I could have sworn Pirates of Dark Waters was 90s and not 80s...of course, what I'd REALLY like to see on DVD is the classic Teenage Mutant Ninja Turtles, but that may have also been early 90s. From those choices, though, I'd have to go with Exo-Squad. That was such a cool show.


----------



## Dark Jezter (Feb 27, 2005)

I believe that Conan the Adventurer was early-90s and not 1980s.  Oh well, I still wouldn't mind seeing it released on DVD.


----------



## Brakkart (Feb 27, 2005)

Okay I need to do my research a bit more thoroughly before posting a poll in the future, as I've missed a half dozen great cartoons off the list, and included a couple that shouldn't be on there.

Missed shows thus far:

Captain Planet
Teenage Mutant Ninja Turtles
Jayce and the Wheeled Warriors
Galaxy Rangers
Defenders of the Earth


----------



## Mad Mac (Feb 27, 2005)

I love a lot of these shows, but I wouldn't go as far as saying everything new is "rubbish". I have to admit that the new TMNT show is simply better than the old one, for instance.
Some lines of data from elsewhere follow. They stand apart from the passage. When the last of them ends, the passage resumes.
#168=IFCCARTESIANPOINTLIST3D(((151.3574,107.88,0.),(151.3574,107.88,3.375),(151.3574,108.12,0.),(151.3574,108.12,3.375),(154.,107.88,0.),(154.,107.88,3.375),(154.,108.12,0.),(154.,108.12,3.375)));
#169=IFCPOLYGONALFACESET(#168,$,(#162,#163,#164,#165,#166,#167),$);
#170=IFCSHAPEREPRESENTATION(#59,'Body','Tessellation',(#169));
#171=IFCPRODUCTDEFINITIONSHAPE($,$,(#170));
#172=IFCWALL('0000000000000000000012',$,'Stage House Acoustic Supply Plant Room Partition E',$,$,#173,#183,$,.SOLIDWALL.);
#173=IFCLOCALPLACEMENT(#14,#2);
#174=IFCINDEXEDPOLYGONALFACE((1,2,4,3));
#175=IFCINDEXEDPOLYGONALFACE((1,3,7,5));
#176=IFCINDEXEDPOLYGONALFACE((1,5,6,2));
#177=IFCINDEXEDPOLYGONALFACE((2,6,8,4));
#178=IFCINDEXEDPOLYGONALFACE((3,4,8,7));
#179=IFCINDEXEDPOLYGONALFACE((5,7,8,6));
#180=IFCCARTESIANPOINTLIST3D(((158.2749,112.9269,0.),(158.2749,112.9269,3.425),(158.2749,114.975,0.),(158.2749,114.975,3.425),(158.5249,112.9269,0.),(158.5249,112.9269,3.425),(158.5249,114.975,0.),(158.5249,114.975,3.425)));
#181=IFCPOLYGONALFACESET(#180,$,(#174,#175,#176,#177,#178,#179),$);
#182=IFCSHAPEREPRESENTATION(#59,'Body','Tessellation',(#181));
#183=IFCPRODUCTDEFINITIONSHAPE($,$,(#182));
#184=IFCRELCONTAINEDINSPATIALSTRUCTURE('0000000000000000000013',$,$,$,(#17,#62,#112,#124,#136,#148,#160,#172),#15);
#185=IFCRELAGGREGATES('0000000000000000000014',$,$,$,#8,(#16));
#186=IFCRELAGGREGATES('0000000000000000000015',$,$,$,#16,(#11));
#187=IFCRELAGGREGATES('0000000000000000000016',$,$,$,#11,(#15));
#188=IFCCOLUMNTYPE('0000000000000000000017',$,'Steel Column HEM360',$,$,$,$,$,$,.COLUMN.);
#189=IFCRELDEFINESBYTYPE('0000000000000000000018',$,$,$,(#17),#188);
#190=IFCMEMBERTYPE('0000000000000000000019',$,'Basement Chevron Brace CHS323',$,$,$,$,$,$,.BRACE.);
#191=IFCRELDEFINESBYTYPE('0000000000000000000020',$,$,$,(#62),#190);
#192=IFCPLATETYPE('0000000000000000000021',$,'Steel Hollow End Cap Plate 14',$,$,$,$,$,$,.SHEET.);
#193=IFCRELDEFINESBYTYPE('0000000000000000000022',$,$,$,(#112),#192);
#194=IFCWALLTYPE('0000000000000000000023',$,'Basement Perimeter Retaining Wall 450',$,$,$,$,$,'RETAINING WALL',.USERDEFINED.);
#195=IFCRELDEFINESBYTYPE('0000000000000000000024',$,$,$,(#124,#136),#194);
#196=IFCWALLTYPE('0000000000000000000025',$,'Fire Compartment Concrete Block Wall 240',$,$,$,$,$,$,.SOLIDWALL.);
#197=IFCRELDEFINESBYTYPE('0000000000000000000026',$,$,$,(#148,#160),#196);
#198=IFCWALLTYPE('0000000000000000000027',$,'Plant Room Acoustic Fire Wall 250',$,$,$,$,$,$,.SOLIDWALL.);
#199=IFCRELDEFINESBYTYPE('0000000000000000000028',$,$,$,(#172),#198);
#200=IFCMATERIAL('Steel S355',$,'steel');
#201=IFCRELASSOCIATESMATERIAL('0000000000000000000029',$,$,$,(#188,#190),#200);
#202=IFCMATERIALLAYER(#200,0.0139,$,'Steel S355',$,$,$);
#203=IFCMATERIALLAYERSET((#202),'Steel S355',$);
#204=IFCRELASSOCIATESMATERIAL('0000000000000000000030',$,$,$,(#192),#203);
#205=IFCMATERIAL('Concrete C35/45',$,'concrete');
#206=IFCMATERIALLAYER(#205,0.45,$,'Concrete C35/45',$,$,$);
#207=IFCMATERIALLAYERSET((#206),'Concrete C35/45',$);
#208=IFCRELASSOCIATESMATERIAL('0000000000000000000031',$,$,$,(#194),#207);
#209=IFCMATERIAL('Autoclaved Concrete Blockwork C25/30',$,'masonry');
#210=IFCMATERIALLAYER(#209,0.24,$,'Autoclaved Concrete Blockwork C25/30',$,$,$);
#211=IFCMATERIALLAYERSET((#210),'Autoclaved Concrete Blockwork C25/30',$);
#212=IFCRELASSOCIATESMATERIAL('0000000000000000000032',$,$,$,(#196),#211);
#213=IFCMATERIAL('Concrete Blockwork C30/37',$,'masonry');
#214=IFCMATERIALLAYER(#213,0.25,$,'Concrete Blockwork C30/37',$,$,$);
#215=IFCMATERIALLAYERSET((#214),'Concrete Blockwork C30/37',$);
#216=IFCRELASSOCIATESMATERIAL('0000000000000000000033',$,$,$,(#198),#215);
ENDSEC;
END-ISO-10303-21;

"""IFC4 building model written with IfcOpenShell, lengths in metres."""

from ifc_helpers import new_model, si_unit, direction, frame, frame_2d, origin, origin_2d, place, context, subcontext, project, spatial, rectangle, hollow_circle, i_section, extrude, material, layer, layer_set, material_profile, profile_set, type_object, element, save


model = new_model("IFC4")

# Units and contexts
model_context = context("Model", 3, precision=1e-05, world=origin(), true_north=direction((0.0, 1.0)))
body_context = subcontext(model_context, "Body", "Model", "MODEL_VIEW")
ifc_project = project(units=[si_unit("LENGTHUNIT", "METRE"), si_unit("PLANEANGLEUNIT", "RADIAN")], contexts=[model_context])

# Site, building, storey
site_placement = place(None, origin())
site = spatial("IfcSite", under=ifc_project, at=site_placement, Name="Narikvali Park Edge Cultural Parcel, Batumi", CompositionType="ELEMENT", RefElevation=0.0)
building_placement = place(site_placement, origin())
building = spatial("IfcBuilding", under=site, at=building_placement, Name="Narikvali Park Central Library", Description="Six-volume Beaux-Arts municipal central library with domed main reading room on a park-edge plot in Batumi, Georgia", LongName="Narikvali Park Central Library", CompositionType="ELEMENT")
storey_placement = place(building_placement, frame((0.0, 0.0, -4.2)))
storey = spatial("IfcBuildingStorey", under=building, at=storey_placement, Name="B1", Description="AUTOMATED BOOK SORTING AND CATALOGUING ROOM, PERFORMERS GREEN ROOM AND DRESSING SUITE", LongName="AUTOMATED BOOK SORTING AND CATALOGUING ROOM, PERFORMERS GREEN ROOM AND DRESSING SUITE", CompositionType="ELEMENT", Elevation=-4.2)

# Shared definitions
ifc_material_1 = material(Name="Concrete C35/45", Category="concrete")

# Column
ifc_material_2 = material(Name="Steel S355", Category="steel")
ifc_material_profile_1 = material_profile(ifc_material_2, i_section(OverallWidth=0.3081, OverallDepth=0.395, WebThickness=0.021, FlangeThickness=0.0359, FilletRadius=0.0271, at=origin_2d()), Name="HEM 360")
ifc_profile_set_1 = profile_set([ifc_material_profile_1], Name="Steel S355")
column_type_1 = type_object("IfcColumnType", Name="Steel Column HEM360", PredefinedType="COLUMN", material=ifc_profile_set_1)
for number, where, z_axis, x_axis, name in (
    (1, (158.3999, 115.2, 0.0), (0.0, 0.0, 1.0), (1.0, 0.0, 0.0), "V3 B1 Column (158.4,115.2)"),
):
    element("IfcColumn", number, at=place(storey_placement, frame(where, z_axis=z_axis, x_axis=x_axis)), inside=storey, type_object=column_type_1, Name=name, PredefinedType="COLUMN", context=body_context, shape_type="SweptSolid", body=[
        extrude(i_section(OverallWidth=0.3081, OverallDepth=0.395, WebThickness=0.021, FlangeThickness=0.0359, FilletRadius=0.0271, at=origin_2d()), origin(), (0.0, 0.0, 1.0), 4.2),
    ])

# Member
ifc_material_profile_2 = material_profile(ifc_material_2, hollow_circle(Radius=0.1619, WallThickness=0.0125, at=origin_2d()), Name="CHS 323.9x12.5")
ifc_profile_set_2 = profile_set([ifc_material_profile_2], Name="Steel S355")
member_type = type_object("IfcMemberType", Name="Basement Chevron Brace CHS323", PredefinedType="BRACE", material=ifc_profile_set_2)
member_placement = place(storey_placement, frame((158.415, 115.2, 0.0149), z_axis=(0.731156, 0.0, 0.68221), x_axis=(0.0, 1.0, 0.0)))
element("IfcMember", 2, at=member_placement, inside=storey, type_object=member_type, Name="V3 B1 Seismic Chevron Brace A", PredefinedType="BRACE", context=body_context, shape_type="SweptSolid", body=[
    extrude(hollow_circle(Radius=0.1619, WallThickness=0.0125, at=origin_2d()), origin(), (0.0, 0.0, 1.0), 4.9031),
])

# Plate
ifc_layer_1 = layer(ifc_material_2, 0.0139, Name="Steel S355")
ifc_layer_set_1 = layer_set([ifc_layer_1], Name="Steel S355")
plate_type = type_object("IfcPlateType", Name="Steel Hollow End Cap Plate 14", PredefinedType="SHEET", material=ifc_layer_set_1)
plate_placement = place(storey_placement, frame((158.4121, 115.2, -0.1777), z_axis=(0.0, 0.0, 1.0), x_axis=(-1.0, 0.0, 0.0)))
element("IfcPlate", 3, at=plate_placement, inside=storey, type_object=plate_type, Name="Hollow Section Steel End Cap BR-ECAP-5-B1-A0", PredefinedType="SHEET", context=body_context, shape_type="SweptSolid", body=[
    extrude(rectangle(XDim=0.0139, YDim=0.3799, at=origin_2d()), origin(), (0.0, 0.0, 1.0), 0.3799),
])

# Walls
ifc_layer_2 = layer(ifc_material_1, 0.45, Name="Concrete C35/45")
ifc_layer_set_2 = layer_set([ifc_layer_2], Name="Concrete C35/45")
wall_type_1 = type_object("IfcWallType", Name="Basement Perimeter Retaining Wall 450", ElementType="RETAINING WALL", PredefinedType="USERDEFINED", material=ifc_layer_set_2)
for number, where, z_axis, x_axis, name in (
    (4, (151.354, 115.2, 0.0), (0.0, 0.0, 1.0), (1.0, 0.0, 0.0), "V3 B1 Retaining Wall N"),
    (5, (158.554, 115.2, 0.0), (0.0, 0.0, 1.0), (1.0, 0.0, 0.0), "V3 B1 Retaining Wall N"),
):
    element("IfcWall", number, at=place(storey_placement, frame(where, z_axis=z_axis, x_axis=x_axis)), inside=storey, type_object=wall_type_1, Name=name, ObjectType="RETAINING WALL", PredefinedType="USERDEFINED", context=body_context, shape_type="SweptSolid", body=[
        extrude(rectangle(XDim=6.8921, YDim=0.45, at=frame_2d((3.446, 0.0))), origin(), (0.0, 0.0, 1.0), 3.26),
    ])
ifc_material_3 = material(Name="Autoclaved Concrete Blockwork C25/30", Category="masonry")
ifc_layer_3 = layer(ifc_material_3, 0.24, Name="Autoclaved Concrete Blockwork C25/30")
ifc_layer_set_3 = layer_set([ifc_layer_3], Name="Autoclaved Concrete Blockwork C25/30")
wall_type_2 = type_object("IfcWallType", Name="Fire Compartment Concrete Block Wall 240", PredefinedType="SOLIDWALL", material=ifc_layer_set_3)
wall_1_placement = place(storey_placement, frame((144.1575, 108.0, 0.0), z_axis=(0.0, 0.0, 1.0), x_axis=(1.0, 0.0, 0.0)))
The classic show started strong and went downhill fast, as I recall.

 I voted for Exo-squad, because It was undeniably a great show. I've always wanted to see Pirates of Dark Water, just to see what all the fuss is about. (I think I saw only one episode, and it's all a blurr)


----------



## Krieg (Feb 27, 2005)

Other - Thundarr


----------



## feydras (Feb 27, 2005)

Brakkart said:
			
		

> Missed shows thus far:
> 
> Captain Planet
> Teenage Mutant Ninja Turtles
> ...




Don't forget Thundarr...  http://www.thundarr.com/

- feydras


----------



## Ankh-Morpork Guard (Feb 27, 2005)

Mad Mac said:
			
		

> I love a lot of these shows, but I wouldn't go as far as saying everything new is "rubbish". I have to admit that the new TMNT show is simply better than the old one, for instance. The classic show started strong and went downhill fast, as I recall.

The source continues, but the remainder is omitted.